In my boredom today i created a DIY CO2 diffuser. It's almost more of an in tank reactor, if that's possible? Okay so here's how it works. I took an old sponge filter system I had but never liked and used the sponge end which comes on a frame. I attached this to the intake riser on a Hagen AC powerhead (the smallest one they make). It fits snugly without having to use silicone or any other mechanism to keep it together. Next I punched a hole in the end of the sponge filter and ran my CO2 line directly into the hole in the sponge all the way until the end of the line sat directly under the intake of the power head. Like so: (I'll take better pictures soon but I don't really want to take the whole thing out of the tank again) 

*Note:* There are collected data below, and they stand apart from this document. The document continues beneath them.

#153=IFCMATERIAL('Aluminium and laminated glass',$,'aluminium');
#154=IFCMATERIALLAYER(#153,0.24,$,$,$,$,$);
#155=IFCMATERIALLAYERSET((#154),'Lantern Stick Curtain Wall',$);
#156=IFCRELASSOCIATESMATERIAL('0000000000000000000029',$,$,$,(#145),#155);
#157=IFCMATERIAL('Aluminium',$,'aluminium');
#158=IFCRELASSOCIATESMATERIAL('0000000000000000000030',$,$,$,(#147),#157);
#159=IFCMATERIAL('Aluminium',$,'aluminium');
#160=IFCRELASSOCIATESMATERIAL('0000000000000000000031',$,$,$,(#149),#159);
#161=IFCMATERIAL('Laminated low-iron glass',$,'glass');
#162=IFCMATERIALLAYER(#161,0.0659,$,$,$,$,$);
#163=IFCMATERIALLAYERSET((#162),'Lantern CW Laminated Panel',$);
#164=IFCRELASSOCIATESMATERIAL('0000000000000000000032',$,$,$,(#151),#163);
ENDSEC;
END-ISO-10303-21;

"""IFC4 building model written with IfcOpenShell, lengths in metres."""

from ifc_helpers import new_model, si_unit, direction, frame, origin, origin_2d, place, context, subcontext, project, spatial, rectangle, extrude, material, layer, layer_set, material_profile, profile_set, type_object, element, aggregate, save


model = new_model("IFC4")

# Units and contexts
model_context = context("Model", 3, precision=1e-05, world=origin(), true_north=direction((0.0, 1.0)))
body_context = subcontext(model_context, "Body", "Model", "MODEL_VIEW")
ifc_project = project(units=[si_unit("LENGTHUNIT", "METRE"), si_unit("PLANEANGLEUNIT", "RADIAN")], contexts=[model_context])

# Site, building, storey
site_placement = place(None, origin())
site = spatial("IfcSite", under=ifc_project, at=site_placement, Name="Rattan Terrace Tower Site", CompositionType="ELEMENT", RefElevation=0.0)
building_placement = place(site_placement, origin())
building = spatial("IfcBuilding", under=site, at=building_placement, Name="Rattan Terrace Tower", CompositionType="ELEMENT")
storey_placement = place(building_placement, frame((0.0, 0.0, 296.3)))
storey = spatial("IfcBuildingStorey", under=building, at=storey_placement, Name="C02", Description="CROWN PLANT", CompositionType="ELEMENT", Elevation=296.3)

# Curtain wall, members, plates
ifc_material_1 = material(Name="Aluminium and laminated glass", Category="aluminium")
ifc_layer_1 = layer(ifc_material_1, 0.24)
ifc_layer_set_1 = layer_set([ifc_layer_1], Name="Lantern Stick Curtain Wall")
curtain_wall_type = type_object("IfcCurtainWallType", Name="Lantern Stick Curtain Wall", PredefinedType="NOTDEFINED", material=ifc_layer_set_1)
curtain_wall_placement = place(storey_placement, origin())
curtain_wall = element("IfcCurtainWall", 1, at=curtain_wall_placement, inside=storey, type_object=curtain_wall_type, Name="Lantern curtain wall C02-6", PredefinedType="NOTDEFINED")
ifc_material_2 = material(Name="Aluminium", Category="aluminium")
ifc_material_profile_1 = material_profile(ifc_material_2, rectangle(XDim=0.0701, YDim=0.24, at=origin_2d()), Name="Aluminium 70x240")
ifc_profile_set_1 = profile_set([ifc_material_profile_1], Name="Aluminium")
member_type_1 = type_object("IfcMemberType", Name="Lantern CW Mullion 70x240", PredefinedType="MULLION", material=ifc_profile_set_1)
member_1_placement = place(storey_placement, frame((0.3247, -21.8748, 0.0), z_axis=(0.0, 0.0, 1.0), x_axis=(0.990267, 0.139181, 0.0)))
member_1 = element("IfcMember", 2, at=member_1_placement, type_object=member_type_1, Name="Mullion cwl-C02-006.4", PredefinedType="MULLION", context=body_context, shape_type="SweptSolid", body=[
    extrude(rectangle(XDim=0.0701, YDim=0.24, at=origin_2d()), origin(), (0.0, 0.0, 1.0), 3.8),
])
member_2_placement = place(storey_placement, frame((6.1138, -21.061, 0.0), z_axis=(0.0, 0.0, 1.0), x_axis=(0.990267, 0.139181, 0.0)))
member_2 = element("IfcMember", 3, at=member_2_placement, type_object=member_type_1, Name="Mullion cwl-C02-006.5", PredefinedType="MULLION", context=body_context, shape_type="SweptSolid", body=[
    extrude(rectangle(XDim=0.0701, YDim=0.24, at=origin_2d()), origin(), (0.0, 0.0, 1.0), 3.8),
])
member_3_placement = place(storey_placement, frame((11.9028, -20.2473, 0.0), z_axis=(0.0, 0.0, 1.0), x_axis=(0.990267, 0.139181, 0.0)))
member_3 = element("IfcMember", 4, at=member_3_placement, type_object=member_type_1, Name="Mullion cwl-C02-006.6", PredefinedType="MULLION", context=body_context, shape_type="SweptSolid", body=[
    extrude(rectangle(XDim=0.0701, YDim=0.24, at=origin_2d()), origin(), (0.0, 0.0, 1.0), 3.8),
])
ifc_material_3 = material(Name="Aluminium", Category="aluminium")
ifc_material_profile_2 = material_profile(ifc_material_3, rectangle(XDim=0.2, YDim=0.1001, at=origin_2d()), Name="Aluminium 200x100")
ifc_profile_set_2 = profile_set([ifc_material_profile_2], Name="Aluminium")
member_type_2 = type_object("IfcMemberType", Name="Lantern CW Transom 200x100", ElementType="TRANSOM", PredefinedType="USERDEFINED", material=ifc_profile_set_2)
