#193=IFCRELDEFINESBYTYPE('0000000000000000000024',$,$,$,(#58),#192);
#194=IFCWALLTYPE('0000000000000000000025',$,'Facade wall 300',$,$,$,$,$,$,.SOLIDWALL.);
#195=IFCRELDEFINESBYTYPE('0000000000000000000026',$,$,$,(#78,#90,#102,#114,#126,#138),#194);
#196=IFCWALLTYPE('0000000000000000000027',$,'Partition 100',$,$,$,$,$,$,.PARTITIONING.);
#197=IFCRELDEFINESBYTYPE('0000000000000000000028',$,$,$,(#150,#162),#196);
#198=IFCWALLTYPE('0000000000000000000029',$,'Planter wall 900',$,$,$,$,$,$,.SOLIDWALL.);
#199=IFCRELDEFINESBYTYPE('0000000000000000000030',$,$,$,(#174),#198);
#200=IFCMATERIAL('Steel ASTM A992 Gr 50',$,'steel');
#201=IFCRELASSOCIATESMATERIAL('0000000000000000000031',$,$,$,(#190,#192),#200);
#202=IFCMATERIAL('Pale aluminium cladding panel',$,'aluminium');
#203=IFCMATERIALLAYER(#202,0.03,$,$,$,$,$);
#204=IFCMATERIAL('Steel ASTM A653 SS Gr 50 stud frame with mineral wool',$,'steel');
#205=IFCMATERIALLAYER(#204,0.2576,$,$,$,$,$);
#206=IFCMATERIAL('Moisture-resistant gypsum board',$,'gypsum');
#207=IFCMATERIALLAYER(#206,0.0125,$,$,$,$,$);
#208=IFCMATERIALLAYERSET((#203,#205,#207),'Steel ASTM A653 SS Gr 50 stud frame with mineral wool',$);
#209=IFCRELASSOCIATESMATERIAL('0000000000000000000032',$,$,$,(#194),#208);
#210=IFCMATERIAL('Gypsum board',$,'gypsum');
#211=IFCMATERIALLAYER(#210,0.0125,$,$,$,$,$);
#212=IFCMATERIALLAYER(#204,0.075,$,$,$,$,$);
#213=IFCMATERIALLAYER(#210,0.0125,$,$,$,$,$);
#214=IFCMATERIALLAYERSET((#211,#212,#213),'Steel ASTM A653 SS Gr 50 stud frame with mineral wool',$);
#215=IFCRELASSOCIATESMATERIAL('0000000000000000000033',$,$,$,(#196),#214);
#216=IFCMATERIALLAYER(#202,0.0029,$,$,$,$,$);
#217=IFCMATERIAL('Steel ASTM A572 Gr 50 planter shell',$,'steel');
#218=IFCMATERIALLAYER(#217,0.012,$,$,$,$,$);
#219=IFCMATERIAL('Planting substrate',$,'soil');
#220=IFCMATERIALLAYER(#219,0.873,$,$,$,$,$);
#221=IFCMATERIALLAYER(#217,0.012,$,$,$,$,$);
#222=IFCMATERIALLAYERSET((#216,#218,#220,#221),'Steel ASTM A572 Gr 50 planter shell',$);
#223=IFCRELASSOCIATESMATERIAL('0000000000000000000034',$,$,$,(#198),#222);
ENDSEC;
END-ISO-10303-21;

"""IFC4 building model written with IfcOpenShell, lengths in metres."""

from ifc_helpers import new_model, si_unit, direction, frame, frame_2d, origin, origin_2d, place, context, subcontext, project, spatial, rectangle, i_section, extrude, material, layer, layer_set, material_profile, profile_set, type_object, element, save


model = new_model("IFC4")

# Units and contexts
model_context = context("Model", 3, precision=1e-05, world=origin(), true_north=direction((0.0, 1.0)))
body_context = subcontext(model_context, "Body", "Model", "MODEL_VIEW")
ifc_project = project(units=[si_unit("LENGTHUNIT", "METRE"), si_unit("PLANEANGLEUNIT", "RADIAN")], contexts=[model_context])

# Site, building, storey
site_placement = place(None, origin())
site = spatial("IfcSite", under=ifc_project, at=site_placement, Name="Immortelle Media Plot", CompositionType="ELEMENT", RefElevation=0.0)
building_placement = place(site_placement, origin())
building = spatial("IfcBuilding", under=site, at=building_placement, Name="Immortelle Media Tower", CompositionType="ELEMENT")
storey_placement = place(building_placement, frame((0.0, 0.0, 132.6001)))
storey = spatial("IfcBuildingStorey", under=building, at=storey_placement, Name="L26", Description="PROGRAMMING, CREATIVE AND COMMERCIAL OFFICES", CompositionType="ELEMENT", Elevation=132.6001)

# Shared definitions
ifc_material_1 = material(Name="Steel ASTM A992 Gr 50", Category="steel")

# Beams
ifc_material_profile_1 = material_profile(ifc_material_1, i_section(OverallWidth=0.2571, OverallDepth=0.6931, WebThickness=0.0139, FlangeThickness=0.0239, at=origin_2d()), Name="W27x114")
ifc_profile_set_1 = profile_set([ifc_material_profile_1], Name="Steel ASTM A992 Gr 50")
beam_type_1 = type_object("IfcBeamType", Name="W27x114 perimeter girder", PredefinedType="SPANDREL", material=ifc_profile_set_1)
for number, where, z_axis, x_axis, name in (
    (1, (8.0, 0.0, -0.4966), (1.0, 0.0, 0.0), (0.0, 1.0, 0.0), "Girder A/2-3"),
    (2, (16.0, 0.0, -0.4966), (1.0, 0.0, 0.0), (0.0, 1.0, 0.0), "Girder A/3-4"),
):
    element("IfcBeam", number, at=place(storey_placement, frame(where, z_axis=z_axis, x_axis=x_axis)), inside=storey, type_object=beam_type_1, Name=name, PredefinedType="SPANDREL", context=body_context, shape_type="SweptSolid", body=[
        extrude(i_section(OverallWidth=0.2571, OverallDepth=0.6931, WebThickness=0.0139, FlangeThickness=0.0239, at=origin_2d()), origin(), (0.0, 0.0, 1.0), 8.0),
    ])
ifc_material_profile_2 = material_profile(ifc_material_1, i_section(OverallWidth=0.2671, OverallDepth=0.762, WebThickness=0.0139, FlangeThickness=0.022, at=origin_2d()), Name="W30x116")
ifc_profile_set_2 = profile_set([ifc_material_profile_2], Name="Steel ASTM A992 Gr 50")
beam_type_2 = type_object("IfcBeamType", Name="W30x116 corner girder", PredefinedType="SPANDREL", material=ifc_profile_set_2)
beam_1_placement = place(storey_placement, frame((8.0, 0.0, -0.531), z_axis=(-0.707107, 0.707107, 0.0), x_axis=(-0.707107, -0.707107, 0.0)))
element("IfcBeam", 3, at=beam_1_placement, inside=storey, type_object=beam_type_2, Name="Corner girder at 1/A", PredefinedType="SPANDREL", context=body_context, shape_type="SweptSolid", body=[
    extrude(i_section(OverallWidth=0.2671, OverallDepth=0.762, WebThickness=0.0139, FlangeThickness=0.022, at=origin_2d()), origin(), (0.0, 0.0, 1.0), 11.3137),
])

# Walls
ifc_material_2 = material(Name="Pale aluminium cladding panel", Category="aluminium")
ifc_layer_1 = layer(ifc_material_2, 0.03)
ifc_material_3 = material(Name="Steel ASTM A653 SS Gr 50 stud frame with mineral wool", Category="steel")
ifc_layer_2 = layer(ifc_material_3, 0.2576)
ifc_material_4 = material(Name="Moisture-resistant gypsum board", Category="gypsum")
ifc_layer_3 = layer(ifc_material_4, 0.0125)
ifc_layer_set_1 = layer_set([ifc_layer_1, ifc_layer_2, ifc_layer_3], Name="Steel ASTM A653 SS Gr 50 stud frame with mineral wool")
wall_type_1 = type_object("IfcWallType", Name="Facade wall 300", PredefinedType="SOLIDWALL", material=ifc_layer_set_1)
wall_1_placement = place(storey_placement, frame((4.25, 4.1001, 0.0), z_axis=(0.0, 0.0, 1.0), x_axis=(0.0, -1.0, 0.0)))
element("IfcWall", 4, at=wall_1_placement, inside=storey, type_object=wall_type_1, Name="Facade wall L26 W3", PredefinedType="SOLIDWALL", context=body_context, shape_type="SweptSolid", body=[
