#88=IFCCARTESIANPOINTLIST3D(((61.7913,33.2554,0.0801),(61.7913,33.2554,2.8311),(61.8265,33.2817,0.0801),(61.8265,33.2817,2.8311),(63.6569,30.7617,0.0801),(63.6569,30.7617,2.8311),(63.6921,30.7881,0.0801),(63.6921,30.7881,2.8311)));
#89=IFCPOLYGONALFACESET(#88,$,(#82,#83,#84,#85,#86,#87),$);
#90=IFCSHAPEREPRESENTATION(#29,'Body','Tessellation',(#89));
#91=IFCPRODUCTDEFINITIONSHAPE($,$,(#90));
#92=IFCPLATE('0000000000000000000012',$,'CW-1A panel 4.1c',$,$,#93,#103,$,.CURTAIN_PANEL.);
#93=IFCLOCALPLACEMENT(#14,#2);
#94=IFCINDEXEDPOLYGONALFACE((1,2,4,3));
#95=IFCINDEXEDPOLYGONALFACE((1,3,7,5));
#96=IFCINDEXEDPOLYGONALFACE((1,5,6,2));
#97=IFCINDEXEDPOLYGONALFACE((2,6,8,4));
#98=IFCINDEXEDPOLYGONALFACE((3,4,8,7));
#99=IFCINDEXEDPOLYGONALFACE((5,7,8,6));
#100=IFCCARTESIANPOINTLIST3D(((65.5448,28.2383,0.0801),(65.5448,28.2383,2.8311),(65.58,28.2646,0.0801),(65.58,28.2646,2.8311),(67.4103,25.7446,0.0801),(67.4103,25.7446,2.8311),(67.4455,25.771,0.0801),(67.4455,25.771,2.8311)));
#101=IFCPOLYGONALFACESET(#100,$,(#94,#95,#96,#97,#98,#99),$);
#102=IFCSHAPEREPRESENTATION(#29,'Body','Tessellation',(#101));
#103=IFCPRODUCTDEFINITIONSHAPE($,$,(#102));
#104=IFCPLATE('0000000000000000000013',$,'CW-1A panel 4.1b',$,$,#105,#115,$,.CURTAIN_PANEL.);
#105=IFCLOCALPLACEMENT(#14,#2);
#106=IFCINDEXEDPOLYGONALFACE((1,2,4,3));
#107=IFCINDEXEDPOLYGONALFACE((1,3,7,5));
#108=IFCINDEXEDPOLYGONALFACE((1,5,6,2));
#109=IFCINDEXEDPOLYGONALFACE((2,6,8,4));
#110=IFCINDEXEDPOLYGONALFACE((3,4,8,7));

After some trial and error, I realized that I needed some way to control the flow of CO2, as it would constantly try to suck from the bottle. So I inserted a cheap airline control and one way valve to control the pressure within the system. I've found that I can control the amount of CO2 by creating some restriction. This has also seemed to improve the consistency of CO2 delivery. Previously I just ran my CO2 line directly into the intake of a canister filter. This method seems far more efficient. I have been monitoring the pressure in the bottle and it does not seem to be dangerously high or anything. I also kind of figure that as the amount of co2 being produced decreases, I will just be getting air into the system, and won't be in danger of blowing a soda bottle up or anything. I also don't think the power head creates enough suction to take the liquid into the tank, but thats something i'll have to check more on as the bottle runs out of steam. 


Obviously, I don't know how this system will fare, because I just made it, but I thought it was worth sharing in my journal. Let me know what you guys think! Is anyone using a similar method?


----------



## WhiteGloveAquatics (Sep 3, 2009)

Nice reactor-thingy, I just use marineland powerheads for my diffuser. their head fits an air line very tightly.

If you could add a 20oz bottle inline before the check valves this will eliminate the compressing vacuum.

I run 4 2 liters of brew and one 2 liter for a accumulator then out of that a check valve, then a bubble counter and another check valve.


----------